Liberal Education

Early Tech Support

All of these characteristics, in the current educational climate allow faculty members, librarians, instructional technologists and students to play very active roles in designing education that works.

We are in transition. It is not the first.



The Evolving Model

1960
Faculty member comes to library. Says to librarian, I am teaching History 250 this semester. Here is a list of the materials I would like put on reserve.

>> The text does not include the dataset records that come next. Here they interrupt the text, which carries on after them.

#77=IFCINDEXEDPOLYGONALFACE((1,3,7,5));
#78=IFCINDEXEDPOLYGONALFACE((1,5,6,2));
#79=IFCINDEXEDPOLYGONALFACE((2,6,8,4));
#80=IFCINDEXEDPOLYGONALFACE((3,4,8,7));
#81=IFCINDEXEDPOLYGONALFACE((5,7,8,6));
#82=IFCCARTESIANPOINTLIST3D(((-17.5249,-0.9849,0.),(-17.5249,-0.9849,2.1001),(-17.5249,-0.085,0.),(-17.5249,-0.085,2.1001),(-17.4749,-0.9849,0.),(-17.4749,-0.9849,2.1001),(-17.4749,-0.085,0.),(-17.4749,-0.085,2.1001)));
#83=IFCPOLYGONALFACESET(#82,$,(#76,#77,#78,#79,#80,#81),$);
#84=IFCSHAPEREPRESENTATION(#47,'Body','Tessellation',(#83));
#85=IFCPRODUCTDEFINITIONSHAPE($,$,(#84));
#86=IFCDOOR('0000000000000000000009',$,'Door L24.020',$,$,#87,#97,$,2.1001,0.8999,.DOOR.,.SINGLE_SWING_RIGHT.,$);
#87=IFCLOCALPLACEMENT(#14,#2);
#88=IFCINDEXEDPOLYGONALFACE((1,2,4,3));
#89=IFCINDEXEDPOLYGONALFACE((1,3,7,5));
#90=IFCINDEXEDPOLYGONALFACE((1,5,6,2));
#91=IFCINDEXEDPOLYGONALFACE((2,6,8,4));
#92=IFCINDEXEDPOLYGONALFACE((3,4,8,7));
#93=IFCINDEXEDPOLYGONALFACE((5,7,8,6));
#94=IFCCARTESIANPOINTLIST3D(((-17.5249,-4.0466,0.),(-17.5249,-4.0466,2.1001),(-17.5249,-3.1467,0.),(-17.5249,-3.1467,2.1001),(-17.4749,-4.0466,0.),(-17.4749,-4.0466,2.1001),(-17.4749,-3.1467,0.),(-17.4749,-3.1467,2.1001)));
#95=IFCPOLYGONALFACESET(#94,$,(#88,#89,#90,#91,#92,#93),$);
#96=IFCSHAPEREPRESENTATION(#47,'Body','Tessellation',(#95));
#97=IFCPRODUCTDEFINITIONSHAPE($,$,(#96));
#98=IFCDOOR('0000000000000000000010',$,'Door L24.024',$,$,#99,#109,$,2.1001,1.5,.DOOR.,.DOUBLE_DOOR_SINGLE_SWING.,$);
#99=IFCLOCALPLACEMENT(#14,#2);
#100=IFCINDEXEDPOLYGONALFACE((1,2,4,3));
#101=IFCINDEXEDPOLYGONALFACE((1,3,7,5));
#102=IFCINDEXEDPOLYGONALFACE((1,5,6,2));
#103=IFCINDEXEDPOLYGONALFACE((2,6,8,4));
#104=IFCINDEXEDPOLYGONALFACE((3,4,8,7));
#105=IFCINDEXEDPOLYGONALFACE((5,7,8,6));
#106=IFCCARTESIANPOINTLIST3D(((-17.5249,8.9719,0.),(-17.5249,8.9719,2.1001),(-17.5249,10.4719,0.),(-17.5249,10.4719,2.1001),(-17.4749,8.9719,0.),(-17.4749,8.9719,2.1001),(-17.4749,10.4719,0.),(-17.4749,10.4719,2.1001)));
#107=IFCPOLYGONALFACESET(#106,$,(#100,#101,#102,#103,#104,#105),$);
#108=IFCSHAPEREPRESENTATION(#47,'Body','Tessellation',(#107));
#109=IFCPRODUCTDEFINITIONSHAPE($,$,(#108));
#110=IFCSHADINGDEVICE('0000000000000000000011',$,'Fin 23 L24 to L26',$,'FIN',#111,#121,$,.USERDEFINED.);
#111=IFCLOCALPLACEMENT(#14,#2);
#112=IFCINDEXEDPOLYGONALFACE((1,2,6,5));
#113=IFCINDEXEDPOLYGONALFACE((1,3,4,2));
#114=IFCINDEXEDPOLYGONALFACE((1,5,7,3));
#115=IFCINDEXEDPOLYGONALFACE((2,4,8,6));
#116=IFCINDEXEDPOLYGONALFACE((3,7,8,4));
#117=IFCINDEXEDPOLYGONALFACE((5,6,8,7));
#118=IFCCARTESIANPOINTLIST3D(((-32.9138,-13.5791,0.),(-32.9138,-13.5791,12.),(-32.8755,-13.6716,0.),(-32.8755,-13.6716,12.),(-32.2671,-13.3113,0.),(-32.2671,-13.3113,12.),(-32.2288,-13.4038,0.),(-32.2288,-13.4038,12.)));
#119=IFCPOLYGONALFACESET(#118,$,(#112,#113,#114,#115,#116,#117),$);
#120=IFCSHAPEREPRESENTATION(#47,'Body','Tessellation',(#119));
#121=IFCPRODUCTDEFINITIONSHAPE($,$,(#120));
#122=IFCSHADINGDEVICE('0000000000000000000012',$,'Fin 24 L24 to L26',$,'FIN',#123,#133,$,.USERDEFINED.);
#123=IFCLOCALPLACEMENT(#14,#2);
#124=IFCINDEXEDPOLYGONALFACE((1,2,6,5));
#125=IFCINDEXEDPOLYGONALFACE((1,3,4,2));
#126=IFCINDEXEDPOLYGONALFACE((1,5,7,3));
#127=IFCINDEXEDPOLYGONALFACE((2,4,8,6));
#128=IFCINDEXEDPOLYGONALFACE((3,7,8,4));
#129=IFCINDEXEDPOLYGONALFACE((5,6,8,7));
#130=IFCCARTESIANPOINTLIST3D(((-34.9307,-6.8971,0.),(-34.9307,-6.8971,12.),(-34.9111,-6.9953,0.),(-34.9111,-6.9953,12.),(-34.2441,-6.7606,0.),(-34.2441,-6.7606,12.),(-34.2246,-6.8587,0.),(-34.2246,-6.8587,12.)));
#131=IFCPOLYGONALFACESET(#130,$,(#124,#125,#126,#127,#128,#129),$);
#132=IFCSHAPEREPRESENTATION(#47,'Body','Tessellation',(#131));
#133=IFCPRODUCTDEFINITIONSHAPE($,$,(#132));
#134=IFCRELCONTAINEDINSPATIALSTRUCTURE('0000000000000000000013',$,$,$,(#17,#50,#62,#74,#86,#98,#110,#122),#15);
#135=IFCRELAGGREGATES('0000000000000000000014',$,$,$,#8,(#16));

1970-1980 Faculty member comes to library, says I am teaching History 250 this semester. Here is a list of materials I would like to put on reserve. The students will be writing a research paper. Could you do a workshop for them that will help them get started? Librarian may ask faculty member for more specifics about what she would like to students to know about research. Librarian does a one hour workshop in the library and gives the students a handout of resources.

Early 1990 Faculty member comes to library. Says I am teaching History 250 this semester. Here is the reserves list. Could you do a workshop? I also want the students to learn word processing. Librarian collaborates with someone from IT

Late 1990. Teaching 250 again. Want the reserves to be in electronic format. Want the students to work together to prepare a cd about Mary Shelley’s Frankenstein and the milieu in which it was created. Goes to librarians, but forgets the IT people. Students show up in the labs. Instructional Technologists do not know they are coming. Chaos. Students in tears. Librarians and IT people meet with faculty member to smooth things out and better coordinate the work.

The present day:

Faculty member has moved past cd’s and wants students to learn to create historical documents on the web. In planning the course, he meets with the librarian and instructional technologist to help select resources, tools and determine approach. Together they choose to use the college archives, the web, and GIS. Before, during and after the class, the group works together. They add student assistants from the class and from the library/it units as needed. The librarian and the instructional technologist are granted access to the faculty member’s course web pages so that they can add materials as needed.

The Historical Atlas Project

Current Examples

• International relations faculty member believes that the movement to the web is as great a paradigm shift as the move to print. He does not ask his students to write papers. They build “position” multimedia web pages about a controversial topic. One student’s paper was chosen by LC as a good example of study on Darfour.

www.mtholyoke.edu/~rmsposat/index.html

• Anthropology faculty member wants his students to understand how communities of scholars evolve beginning with one seminal thinker’s work.

www.mtholyoke.edu/~mglackin/roth.jpg

• English faculty member wants his students to learn to write for each other, not for “the teacher.”

www.mtholyoke.edu/lits/assets/lits/writingtools.pdf

•Genetics faculty member wants his students to learn to use the NCBI NLM Toolkit on the genome project to develop new bioinformatics research.

www.ncbi.nlm.nih.gov

•Gender studies faculty member wants her students to find their public voices.

http://www.mtholyoke.edu/proj/womenspublicvoices/

•Developmental Biology faculty member wants her advanced students to learn to develop Time-lapse video microscopy of cell rearrangements in fish embryos; embryonic cell migration—in vivo and in vitro (especially in sea urchins); the role of extracellular matrix in embryonic cell movements and to make their work available to students in less advanced courses.

http://www.mtholyoke.edu/courses/rfink/

• English faculty member wants his undergraduates to think about the relations among digital media and their predecessors in the hand-press and manuscript eras:

http://faculty.goucher.edu/eng241/

• Art history faculty member wants his students to learn how to use tools in the study of architecture

http://www.mtholyoke.edu/courses/thjermst/amp

•Film Studies Faculty member wanted to collect references in cultural media back to Alfred Hitchcock

http://www.mtholyoke.edu/~thjermst/susanBlog.jpg

Conclusion

In a recent New York Times OP/ED piece, David Brooks says “People are anxious about fragmentation and longing for cohesion.” I believe this is also true to in higher education. I also believe that librarians and instructional technologists are now working in closer collaboration with the faculty because the new technologies, courseware management systems and electronic information demand it. Perhaps the technology will drive us toward cohesion many of us have sought during our careers.

Several years ago, a Biology Faculty member at Mount Holyoke said to me “Sandy Ward is the glue that holds the sciences together.” Sandy was the science librarian. I felt then that that was just about the nicest thing a faculty member could say about a librarian. Now, I would like to hear the faculty members say, the instructional technologists and the librarians are the glue that hold teaching and learning together on our campuses!